Dealing with Police: Professional Relationships and Effective Advocacy
Introduction: Understanding the Dual Nature of Your Relationship
Your relationship with police officers is complex and sometimes contradictory. You work alongside them daily, sharing the same physical spaces and participating in the same processes. Yet your roles are fundamentally opposed: police seek evidence for prosecution while you protect suspects' rights and interests under PACE and the common law.[^1]
This tension creates unique challenges. You must maintain professional working relationships with officers you'll encounter repeatedly, while simultaneously challenging their decisions, questioning their evidence, and sometimes opposing their objectives. Successfully navigating this balance—being professionally cooperative without compromising your client's interests—is essential for effective practice.
This comprehensive guide explores how to work with police effectively, how to challenge improper conduct professionally, how to build productive relationships without crossing ethical lines, and how to advocate fearlessly for your clients while maintaining the professional respect necessary for long-term success.
The Professional Foundation: Mutual Respect Within Adversarial Roles
Understanding Police Perspectives
Before you can work effectively with police, you must understand their perspective:
Police see themselves as:
- Protecting public safety under their statutory duties[^2]

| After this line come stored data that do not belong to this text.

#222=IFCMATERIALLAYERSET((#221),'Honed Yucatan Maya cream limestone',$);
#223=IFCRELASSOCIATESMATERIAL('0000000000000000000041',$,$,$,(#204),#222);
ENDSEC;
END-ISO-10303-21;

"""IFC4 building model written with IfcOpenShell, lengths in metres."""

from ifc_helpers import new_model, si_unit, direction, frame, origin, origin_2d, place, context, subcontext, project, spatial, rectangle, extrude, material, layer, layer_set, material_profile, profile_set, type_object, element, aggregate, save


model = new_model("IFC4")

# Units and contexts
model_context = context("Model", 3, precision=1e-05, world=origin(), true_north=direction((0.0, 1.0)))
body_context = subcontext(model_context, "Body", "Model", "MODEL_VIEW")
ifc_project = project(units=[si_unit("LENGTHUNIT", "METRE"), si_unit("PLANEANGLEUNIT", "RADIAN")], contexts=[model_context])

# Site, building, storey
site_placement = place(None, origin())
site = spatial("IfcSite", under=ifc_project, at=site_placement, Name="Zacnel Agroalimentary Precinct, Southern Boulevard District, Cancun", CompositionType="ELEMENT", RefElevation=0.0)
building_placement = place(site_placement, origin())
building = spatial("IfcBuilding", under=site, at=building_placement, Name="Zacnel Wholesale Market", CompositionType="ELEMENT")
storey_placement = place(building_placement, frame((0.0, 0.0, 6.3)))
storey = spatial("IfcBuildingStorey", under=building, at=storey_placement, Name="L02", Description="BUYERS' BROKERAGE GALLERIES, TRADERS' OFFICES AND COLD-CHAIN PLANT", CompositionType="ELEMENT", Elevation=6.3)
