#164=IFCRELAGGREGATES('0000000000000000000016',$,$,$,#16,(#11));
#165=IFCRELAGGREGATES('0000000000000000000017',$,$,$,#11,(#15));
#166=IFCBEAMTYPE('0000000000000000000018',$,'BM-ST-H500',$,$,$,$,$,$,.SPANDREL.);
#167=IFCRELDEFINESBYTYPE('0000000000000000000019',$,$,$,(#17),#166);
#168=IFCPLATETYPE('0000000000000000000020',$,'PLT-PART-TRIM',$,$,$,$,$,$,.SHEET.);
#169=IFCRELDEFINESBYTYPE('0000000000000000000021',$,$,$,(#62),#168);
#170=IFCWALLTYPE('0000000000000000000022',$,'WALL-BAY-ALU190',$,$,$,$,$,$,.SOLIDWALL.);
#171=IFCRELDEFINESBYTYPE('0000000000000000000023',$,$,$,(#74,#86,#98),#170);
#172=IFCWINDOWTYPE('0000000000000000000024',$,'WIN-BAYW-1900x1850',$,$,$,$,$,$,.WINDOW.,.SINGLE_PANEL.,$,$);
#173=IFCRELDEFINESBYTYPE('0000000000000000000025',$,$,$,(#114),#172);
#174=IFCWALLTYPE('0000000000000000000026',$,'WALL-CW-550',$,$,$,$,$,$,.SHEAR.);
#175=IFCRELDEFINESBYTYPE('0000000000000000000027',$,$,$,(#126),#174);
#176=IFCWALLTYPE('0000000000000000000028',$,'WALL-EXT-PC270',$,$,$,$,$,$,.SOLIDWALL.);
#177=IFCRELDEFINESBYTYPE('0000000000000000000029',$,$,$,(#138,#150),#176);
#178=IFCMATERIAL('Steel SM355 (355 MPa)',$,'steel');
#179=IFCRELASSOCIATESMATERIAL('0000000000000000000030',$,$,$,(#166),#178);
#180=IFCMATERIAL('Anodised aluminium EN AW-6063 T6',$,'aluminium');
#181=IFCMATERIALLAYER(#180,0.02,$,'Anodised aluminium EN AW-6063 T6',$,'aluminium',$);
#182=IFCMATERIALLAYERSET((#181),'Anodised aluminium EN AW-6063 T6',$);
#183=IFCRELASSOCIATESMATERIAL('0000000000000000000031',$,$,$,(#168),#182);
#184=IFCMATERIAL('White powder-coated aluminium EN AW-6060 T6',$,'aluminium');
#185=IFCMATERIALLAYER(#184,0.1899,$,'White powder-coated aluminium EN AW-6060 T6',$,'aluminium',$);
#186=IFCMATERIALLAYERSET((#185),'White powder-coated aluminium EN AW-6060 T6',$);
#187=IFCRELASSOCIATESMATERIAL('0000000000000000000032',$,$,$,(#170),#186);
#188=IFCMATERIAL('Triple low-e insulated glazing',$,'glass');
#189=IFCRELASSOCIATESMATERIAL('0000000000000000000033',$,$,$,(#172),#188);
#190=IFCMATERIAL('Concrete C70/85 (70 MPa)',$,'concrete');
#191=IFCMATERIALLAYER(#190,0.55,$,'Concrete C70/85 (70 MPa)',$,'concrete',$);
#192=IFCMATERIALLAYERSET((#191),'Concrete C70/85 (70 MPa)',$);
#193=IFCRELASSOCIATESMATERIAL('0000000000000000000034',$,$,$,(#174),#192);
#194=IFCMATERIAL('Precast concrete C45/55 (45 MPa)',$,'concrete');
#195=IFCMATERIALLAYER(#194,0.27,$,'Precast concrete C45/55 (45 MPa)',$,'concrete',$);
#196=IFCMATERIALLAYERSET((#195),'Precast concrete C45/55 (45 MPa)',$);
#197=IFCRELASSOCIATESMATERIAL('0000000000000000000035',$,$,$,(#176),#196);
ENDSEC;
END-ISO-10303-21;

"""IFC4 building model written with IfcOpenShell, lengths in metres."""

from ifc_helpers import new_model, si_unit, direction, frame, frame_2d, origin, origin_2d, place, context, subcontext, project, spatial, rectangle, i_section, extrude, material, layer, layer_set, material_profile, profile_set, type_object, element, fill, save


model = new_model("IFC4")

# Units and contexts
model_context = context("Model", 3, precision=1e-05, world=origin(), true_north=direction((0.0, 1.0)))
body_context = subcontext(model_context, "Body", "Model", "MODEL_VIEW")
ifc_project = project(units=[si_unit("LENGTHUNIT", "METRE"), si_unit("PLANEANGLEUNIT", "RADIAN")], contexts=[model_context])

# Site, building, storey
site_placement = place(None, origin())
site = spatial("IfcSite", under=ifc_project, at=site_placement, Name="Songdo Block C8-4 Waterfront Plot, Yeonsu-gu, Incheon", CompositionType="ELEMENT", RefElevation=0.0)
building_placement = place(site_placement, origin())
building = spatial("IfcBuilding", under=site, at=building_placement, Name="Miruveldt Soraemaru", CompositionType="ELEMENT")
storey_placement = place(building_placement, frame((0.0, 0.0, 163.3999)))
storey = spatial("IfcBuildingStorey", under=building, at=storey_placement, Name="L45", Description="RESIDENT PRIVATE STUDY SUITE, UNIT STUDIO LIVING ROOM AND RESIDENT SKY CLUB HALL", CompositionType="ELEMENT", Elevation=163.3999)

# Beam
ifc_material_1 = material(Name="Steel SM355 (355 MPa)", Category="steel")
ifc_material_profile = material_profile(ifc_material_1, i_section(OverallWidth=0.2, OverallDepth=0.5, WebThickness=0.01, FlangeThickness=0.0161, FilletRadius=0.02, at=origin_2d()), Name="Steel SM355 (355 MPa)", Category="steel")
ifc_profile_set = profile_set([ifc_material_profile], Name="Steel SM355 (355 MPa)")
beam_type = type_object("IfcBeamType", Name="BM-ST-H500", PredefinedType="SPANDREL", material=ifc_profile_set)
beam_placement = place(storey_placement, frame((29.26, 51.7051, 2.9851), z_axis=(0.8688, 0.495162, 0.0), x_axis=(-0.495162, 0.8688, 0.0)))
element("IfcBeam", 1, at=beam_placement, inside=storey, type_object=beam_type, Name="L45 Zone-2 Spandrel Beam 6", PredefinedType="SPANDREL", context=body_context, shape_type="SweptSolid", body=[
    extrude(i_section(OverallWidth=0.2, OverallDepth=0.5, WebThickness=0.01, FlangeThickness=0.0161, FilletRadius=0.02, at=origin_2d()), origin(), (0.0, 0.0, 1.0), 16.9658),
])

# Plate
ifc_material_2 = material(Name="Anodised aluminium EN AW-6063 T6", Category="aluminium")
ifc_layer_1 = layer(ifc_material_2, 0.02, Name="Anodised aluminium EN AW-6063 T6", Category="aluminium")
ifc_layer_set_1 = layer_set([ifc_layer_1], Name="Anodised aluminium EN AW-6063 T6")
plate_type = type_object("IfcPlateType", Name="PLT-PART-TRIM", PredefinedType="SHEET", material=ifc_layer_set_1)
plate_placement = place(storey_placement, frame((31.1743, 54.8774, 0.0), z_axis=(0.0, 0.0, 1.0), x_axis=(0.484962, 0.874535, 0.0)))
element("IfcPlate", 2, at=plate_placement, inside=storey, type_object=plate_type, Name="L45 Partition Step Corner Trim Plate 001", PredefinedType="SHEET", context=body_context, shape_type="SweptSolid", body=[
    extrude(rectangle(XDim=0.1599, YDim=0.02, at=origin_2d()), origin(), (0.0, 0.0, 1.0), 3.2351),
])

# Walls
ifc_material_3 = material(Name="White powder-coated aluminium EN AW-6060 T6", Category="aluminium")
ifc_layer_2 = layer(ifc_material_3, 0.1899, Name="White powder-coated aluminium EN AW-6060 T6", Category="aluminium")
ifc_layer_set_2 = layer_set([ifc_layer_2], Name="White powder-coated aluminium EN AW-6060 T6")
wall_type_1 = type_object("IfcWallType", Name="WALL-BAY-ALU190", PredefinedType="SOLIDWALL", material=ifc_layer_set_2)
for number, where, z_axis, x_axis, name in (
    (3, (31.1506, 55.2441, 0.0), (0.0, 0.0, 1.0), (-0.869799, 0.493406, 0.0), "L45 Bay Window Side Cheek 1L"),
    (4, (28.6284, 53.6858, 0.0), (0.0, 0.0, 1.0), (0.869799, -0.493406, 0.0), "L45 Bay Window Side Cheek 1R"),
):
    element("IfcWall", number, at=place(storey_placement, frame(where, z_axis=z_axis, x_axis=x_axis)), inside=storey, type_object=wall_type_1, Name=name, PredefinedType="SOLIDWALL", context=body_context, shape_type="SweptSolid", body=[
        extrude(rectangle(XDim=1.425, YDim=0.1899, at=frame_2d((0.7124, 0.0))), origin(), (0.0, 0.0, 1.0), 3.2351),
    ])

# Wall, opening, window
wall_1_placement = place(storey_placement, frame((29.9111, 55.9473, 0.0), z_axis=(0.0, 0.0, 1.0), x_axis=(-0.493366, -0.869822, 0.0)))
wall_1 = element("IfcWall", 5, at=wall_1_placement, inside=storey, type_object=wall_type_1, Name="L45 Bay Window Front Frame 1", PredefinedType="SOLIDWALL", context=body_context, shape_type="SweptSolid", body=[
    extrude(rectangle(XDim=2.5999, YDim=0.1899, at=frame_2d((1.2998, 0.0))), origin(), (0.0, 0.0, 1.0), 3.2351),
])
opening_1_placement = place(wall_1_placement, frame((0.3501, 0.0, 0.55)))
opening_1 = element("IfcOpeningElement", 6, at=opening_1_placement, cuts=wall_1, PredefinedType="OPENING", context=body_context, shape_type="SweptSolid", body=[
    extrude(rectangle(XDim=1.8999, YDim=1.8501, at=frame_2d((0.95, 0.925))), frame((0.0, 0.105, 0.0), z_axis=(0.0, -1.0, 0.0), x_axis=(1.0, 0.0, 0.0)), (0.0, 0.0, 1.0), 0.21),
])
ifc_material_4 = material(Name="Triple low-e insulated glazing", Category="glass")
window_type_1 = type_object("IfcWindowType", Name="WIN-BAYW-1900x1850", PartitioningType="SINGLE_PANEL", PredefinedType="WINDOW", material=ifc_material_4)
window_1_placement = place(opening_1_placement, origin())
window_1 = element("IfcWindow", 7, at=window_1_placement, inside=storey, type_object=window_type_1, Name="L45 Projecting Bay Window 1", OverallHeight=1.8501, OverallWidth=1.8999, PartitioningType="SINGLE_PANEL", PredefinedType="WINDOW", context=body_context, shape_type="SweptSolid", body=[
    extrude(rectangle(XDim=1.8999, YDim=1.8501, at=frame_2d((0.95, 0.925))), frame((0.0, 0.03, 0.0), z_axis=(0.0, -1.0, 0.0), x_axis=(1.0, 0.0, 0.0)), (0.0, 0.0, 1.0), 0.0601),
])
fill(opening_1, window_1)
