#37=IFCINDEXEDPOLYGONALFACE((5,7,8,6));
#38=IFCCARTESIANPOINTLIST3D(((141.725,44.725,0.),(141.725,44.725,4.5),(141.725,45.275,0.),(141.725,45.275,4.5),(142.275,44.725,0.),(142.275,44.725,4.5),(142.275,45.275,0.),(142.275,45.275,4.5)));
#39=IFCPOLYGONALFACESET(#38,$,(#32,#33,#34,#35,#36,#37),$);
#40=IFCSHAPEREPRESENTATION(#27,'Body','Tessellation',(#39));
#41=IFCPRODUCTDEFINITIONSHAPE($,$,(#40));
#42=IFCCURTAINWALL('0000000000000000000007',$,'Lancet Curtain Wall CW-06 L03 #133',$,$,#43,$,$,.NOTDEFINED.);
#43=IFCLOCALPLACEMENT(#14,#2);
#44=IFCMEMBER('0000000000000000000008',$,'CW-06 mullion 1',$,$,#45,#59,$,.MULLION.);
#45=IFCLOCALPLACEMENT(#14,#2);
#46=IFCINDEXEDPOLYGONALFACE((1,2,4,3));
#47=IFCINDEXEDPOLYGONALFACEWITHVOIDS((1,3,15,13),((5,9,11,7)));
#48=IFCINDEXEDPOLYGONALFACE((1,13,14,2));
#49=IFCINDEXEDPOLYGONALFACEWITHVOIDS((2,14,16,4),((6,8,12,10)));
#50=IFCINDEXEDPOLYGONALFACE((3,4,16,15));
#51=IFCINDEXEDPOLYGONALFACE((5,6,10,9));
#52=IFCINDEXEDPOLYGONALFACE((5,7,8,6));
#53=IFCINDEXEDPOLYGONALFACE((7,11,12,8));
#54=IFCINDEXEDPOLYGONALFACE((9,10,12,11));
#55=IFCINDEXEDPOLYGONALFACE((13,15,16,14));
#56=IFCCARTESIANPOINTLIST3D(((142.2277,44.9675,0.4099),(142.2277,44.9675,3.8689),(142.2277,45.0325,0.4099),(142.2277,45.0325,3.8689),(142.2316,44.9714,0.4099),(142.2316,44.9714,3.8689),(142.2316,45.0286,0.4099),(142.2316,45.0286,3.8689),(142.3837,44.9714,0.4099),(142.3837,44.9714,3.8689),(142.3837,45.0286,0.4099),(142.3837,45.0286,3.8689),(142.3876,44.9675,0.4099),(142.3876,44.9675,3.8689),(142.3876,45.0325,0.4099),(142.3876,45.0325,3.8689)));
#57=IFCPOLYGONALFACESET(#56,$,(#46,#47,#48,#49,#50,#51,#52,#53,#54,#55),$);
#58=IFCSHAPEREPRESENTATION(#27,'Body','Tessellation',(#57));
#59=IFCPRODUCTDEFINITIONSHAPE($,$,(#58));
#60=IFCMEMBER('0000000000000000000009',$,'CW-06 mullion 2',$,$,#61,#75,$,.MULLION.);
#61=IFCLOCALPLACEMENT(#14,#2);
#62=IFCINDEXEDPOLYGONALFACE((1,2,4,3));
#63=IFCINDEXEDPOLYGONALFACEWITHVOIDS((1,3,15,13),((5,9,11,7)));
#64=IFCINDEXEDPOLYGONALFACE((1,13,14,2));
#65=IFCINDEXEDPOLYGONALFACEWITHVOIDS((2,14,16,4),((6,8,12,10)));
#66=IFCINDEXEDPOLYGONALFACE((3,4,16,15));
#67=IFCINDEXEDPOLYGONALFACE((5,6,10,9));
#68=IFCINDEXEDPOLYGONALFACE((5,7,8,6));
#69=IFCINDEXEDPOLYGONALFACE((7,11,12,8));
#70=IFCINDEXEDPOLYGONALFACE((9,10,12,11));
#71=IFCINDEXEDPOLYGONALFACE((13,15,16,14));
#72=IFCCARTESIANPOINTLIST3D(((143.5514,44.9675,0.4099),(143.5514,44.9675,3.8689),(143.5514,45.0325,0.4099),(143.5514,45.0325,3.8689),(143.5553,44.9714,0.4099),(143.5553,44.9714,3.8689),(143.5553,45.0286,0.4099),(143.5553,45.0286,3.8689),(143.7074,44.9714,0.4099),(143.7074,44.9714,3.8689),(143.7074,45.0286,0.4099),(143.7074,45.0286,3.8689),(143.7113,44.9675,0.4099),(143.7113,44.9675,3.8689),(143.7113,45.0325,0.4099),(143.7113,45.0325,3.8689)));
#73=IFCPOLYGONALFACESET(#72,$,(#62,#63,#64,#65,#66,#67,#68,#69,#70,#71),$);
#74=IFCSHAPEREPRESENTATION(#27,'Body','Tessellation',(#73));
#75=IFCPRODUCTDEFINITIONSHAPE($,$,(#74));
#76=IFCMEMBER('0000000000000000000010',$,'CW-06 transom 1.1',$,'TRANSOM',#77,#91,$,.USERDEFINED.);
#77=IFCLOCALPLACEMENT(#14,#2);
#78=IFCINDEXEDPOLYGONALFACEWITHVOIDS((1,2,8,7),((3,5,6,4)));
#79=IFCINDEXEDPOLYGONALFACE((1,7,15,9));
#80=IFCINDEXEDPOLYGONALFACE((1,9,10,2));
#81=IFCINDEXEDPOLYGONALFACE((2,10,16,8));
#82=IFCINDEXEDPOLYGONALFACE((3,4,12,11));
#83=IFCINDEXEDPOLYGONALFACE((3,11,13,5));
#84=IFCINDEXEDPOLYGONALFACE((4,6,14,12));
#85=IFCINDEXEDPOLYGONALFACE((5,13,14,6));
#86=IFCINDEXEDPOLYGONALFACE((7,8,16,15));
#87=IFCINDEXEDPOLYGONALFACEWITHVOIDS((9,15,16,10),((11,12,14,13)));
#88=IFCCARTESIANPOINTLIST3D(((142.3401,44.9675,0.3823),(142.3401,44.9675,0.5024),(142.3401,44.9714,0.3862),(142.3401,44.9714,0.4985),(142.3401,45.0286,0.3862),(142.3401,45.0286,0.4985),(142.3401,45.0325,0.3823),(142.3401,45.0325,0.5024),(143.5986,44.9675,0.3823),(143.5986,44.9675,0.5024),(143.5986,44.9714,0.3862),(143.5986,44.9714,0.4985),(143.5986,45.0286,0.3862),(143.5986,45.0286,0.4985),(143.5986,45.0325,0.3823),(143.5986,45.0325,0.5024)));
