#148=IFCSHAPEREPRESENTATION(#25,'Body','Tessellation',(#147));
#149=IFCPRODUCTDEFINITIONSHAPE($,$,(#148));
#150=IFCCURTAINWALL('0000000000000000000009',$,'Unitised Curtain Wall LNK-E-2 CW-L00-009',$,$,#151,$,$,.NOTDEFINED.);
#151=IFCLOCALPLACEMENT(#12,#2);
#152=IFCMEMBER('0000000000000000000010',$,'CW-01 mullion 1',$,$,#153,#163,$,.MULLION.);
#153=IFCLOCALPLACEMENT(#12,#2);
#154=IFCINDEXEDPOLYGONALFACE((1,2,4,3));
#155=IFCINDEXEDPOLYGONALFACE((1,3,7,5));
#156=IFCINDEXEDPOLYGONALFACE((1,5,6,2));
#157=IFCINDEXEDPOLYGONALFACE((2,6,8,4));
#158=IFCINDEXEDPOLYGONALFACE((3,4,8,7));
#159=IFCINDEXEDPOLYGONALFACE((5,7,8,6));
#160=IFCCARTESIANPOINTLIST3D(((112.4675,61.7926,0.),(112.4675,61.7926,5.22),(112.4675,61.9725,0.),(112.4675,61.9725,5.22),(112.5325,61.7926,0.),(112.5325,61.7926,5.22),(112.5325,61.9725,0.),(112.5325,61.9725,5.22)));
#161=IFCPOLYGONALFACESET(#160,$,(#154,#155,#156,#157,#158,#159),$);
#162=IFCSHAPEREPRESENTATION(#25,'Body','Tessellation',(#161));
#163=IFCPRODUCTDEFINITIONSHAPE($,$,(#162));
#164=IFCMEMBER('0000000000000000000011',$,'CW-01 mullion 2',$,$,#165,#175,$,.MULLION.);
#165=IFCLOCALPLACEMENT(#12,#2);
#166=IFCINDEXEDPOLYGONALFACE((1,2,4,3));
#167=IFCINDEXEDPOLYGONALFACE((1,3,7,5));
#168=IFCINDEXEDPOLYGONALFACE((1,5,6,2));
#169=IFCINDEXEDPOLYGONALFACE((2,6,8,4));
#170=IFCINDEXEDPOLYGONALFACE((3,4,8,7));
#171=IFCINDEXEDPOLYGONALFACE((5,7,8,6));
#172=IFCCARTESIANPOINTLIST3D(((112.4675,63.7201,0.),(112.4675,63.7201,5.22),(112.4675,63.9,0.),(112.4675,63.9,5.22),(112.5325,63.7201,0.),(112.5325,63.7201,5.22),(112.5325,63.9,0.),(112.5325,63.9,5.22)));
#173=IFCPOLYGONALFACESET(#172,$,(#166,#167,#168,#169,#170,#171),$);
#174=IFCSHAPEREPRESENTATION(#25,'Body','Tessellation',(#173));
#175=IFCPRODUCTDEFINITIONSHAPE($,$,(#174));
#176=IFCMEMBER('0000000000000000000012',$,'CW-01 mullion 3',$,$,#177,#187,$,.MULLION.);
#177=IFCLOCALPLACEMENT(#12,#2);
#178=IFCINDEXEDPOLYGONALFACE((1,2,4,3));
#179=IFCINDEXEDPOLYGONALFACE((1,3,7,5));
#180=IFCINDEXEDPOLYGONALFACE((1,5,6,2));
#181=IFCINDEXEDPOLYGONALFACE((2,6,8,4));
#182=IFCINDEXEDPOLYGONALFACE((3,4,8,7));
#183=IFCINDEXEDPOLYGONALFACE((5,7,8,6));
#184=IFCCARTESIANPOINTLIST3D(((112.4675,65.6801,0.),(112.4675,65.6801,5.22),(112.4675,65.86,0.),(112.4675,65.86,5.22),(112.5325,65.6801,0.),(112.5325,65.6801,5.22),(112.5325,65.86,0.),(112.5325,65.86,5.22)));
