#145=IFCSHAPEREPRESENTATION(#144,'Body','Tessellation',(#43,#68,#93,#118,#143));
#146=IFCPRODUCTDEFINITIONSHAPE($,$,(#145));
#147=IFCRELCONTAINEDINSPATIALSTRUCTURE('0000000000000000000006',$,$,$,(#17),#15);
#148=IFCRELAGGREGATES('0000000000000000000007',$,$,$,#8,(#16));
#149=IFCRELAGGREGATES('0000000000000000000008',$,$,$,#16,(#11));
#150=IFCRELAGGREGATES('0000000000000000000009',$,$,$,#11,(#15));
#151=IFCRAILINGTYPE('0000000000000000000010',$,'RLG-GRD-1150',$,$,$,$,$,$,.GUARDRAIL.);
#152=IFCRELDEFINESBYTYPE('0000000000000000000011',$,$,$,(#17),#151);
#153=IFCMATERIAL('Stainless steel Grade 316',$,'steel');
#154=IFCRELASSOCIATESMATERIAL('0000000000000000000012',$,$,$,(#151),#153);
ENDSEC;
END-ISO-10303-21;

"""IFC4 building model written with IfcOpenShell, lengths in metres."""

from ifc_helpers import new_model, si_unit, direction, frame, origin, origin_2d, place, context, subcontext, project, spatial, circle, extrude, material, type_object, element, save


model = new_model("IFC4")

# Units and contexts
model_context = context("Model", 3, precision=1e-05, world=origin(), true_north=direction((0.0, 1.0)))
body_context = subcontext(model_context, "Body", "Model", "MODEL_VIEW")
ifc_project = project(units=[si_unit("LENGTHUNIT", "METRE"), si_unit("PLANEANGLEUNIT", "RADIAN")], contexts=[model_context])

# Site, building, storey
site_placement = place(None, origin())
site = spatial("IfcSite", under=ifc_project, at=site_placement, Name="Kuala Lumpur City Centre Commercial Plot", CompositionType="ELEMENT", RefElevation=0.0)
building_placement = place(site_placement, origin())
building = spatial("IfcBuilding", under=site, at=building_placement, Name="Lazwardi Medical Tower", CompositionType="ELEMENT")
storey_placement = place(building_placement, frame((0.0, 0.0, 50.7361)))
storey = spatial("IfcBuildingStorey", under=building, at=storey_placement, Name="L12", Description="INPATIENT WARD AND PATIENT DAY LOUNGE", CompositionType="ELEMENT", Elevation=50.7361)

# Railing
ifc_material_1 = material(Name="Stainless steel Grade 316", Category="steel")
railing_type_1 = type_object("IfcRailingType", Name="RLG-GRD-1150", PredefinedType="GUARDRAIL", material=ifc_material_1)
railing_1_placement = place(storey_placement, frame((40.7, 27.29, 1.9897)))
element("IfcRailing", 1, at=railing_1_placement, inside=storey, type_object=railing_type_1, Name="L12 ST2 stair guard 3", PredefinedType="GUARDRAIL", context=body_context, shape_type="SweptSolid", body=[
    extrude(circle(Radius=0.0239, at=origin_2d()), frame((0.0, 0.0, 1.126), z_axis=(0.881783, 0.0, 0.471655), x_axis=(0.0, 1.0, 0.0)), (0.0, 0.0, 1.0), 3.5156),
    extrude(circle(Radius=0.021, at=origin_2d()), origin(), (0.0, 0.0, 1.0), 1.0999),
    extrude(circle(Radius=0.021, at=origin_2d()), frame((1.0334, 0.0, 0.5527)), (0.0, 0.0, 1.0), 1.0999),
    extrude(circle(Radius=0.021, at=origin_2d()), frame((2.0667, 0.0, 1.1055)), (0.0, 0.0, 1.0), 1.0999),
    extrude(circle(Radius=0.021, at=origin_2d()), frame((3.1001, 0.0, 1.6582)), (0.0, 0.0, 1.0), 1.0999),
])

- Investigating crimes and seeking justice for victims
- Working under significant pressure and limited resources
- Following procedures and policies that constrain their work
- Dealing with dangerous, difficult, and dishonest people regularly
- Frustrated by legal technicalities that "let criminals off"
Police may view defense representatives as:
- Obstacles to investigation
- Helping guilty people avoid justice
- Unnecessarily complicating straightforward cases
- Exploiting legal technicalities
- Prolonging custody through lengthy consultations
- Sometimes obstructive or unprofessional
Some officers respect defense representatives as essential to fair process. Others resent us. Most fall somewhere in between, their attitude varying based on workload, previous experiences, and individual personality.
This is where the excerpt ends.